Current workforce management solutions are inefficient. In fact a majority (83%) of workforce planners are using spreadsheets in some capacity — even if they have also implemented a workforce planning tool. These teams spend a ton of time loading and cleaning data sets so that they can be useful. Not only does this take time, but it also makes service teams less dynamic. Because of these inefficiencies, they can’t respond as quickly to changing demands.
Secondly, contact centers typically have several different tools to manage their workforce operations and optimize their teams, each with a different function. They have the CRM solution, where they can see a customer’s information at the beginning of an interaction. Then, separately there are routing solutions that calibrate based on scale, schedule or availability. What you have is a number of disparate, on-premise solutions that are not communicating with each other — leading to operational inefficiency and confusion.

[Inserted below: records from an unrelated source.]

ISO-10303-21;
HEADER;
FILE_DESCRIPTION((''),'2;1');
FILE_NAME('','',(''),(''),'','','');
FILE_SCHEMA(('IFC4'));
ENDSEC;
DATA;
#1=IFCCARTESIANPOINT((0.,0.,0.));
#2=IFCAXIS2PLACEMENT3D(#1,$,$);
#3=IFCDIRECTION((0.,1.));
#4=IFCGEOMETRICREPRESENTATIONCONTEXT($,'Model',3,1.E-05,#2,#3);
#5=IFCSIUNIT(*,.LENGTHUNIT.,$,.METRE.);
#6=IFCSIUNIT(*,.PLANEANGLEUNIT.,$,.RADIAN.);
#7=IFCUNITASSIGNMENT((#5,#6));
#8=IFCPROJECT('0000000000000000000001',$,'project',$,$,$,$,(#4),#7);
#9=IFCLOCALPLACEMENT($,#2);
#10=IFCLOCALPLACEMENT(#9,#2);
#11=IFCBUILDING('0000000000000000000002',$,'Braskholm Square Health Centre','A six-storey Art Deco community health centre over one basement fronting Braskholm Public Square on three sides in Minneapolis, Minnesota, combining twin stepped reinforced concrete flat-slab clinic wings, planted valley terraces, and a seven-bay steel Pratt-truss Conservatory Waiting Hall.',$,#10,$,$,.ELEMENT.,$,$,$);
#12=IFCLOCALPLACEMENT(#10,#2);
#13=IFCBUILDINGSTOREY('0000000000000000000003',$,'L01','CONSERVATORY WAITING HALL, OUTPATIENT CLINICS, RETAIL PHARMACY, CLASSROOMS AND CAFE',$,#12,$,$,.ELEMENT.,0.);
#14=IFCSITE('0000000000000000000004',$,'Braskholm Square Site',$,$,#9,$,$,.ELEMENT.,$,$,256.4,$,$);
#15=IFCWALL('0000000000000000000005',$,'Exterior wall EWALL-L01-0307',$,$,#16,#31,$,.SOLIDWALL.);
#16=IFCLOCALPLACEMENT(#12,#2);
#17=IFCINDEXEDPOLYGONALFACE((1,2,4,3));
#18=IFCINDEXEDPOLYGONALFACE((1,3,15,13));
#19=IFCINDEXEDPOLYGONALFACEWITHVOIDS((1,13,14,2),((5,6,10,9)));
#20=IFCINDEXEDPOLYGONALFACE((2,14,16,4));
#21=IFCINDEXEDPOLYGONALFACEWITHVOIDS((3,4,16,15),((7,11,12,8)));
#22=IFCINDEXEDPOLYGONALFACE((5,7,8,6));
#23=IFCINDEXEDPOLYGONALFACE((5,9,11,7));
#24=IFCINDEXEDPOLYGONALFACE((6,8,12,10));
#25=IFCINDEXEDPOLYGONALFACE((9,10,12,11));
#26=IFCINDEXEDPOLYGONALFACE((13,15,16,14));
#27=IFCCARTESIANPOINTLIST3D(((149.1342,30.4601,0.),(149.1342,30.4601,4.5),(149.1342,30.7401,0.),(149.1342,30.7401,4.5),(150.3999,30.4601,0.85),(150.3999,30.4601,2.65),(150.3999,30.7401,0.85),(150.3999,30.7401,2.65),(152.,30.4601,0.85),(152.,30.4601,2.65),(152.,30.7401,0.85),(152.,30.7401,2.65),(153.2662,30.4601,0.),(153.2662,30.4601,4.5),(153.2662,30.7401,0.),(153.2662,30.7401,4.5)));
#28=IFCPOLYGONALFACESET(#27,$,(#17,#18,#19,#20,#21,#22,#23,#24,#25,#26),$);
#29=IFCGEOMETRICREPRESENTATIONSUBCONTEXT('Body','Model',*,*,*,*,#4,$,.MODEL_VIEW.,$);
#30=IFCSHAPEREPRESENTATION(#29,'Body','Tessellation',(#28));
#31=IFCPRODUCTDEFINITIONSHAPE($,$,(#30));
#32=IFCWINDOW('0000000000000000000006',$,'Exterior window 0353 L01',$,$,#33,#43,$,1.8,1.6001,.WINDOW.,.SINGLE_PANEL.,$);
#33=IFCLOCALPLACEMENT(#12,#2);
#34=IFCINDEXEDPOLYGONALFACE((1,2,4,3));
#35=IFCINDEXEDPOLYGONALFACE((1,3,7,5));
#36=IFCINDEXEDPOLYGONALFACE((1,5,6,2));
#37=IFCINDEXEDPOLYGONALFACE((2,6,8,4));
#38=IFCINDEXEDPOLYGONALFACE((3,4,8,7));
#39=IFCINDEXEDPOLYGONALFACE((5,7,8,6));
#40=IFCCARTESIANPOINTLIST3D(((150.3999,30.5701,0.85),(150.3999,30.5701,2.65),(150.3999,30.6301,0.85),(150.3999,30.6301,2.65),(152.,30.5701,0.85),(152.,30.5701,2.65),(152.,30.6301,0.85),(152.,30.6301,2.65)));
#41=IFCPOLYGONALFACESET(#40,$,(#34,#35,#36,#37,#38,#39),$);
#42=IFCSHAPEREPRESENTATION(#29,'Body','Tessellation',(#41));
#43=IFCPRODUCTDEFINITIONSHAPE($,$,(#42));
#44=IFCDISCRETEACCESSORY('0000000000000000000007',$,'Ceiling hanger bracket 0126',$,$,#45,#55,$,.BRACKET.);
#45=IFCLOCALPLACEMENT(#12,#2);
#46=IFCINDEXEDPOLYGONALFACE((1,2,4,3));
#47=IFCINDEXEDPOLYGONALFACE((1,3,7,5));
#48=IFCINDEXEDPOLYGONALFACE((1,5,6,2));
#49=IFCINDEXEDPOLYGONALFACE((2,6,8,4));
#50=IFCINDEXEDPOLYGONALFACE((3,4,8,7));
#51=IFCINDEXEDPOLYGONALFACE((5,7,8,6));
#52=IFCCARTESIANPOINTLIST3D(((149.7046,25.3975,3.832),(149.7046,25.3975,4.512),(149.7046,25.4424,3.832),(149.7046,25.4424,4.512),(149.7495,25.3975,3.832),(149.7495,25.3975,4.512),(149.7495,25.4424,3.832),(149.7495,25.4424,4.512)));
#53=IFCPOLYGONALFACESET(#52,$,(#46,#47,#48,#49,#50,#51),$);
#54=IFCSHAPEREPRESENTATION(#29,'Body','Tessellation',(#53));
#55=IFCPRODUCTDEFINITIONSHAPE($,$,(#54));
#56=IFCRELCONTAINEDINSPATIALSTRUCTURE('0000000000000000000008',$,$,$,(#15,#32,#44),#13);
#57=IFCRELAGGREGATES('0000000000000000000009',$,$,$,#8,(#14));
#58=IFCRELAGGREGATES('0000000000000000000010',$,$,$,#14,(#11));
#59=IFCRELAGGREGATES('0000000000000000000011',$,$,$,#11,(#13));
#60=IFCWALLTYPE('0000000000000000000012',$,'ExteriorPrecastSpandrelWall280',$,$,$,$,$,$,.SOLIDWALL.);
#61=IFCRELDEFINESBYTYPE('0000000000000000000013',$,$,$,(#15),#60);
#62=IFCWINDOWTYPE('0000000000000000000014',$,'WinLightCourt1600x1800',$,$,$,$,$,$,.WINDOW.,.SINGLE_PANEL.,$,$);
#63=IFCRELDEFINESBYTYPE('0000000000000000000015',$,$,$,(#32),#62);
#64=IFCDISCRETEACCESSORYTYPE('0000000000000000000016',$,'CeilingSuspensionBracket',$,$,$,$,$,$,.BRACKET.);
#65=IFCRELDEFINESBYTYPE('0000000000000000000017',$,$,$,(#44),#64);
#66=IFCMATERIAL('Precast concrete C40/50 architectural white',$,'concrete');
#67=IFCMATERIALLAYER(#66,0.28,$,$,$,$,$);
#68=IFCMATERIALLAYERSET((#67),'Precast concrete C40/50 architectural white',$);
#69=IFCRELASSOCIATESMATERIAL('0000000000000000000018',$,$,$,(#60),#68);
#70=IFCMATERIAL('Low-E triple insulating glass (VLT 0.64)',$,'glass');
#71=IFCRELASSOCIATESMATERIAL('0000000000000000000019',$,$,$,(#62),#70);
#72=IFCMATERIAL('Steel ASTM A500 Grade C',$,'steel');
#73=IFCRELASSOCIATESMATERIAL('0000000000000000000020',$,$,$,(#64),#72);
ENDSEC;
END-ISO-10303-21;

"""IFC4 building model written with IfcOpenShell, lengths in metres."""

from ifc_helpers import new_model, si_unit, direction, frame, frame_2d, origin, origin_with_axes, origin_2d, place, context, subcontext, project, spatial, rectangle, extrude, material, layer, layer_set, type_object, element, fill, save


model = new_model("IFC4")

# Units and contexts
model_context = context("Model", 3, precision=1e-05, world=origin(), true_north=direction((0.0, 1.0)))
body_context = subcontext(model_context, "Body", "Model", "MODEL_VIEW")
ifc_project = project(units=[si_unit("LENGTHUNIT", "METRE"), si_unit("PLANEANGLEUNIT", "RADIAN")], contexts=[model_context])

# Site, building, storey
site_placement = place(None, origin())
site = spatial("IfcSite", under=ifc_project, at=site_placement, Name="Braskholm Square Site", CompositionType="ELEMENT", RefElevation=256.4)
building_placement = place(site_placement, origin())
building = spatial("IfcBuilding", under=site, at=building_placement, Name="Braskholm Square Health Centre", Description="A six-storey Art Deco community health centre over one basement fronting Braskholm Public Square on three sides in Minneapolis, Minnesota, combining twin stepped reinforced concrete flat-slab clinic wings, planted valley terraces, and a seven-bay steel Pratt-truss Conservatory Waiting Hall.", CompositionType="ELEMENT")
storey_placement = place(building_placement, origin())
storey = spatial("IfcBuildingStorey", under=building, at=storey_placement, Name="L01", Description="CONSERVATORY WAITING HALL, OUTPATIENT CLINICS, RETAIL PHARMACY, CLASSROOMS AND CAFE", CompositionType="ELEMENT", Elevation=0.0)

# Shared definitions
ifc_material_1 = material(Name="Precast concrete C40/50 architectural white", Category="concrete")

# Shared definitions
ifc_material_2 = material(Name="Low-E triple insulating glass (VLT 0.64)", Category="glass")

# Wall, opening, window
ifc_layer_1 = layer(ifc_material_1, 0.28)
ifc_layer_set_1 = layer_set([ifc_layer_1], Name="Precast concrete C40/50 architectural white")
wall_type_1 = type_object("IfcWallType", Name="ExteriorPrecastSpandrelWall280", PredefinedType="SOLIDWALL", material=ifc_layer_set_1)
wall_1_placement = place(storey_placement, frame((153.2661, 30.6001, 0.0), z_axis=(0.0, 0.0, 1.0), x_axis=(-1.0, 0.0, 0.0)))
wall_1 = element("IfcWall", 1, at=wall_1_placement, inside=storey, type_object=wall_type_1, Name="Exterior wall EWALL-L01-0307", PredefinedType="SOLIDWALL", context=body_context, shape_type="SweptSolid", body=[
    extrude(rectangle(XDim=4.1321, YDim=0.28, at=frame_2d((2.0659, 0.0))), origin(), (0.0, 0.0, 1.0), 4.5),
])
opening_1_placement = place(wall_1_placement, frame((1.2661, 0.0, 0.8501)))
opening_1 = element("IfcOpeningElement", 2, at=opening_1_placement, cuts=wall_1, PredefinedType="OPENING", context=body_context, shape_type="SweptSolid", body=[
    extrude(rectangle(XDim=1.6001, YDim=1.8, at=frame_2d((0.8, 0.8999))), frame((0.0, 0.1499, 0.0), z_axis=(0.0, -1.0, 0.0), x_axis=(1.0, 0.0, 0.0)), (0.0, 0.0, 1.0), 0.3),
])
window_type = type_object("IfcWindowType", Name="WinLightCourt1600x1800", PartitioningType="SINGLE_PANEL", PredefinedType="WINDOW", material=ifc_material_2)
window_placement = place(opening_1_placement, origin_with_axes())
window = element("IfcWindow", 3, at=window_placement, inside=storey, type_object=window_type, Name="Exterior window 0353 L01", OverallHeight=1.8, OverallWidth=1.6001, PartitioningType="SINGLE_PANEL", PredefinedType="WINDOW", context=body_context, shape_type="SweptSolid", body=[
    extrude(rectangle(XDim=1.6001, YDim=1.8, at=frame_2d((0.8, 0.8999))), frame((0.0, 0.03, 0.0), z_axis=(0.0, -1.0, 0.0), x_axis=(1.0, 0.0, 0.0)), (0.0, 0.0, 1.0), 0.0601),
])
fill(opening_1, window)

# Discrete accessory
ifc_material_3 = material(Name="Steel ASTM A500 Grade C", Category="steel")
discrete_accessory_type = type_object("IfcDiscreteAccessoryType", Name="CeilingSuspensionBracket", PredefinedType="BRACKET", material=ifc_material_3)
discrete_accessory_placement = place(storey_placement, frame((149.7271, 25.4199, 3.832), z_axis=(0.0, 0.0, 1.0), x_axis=(1.0, 0.0, 0.0)))
element("IfcDiscreteAccessory", 4, at=discrete_accessory_placement, inside=storey, type_object=discrete_accessory_type, Name="Ceiling hanger bracket 0126", PredefinedType="BRACKET", context=body_context, shape_type="SweptSolid", body=[
    extrude(rectangle(XDim=0.0449, YDim=0.0449, at=origin_2d()), origin(), (0.0, 0.0, 1.0), 0.6799),
])

save(model, "model.ifc")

With Service Cloud Workforce Engagement, we’re providing service teams with a cloud-based, connected solution — all on one platform. We are now able to connect all these disparate systems, making it much more seamless to manage — as well as making the data flow more streamlined.
Workforce Engagement also helps minimize any risk of manual error — not only by removing the manual input, but also with constant monitoring and outlier detection. If there is something in the historical data that might be compromising the accuracy of a team’s forecasting, we flag it directly to them — rather than having them sift through and find the anomaly themselves.
There’s a significant lack of visibility right now, specifically as we navigate this pandemic and as service teams remain distributed. Historically, contact centers have had fairly strong management oversight — but that layer is now lost given the move to remote work. Gaining visibility into what’s happening on a moment by moment basis is much more challenging. Service Cloud Workforce Engagement is helping alleviate the stress of this change — not only allowing service agents to focus on delivering an exceptional trusted service, but eliminating age-old inefficiencies along the way.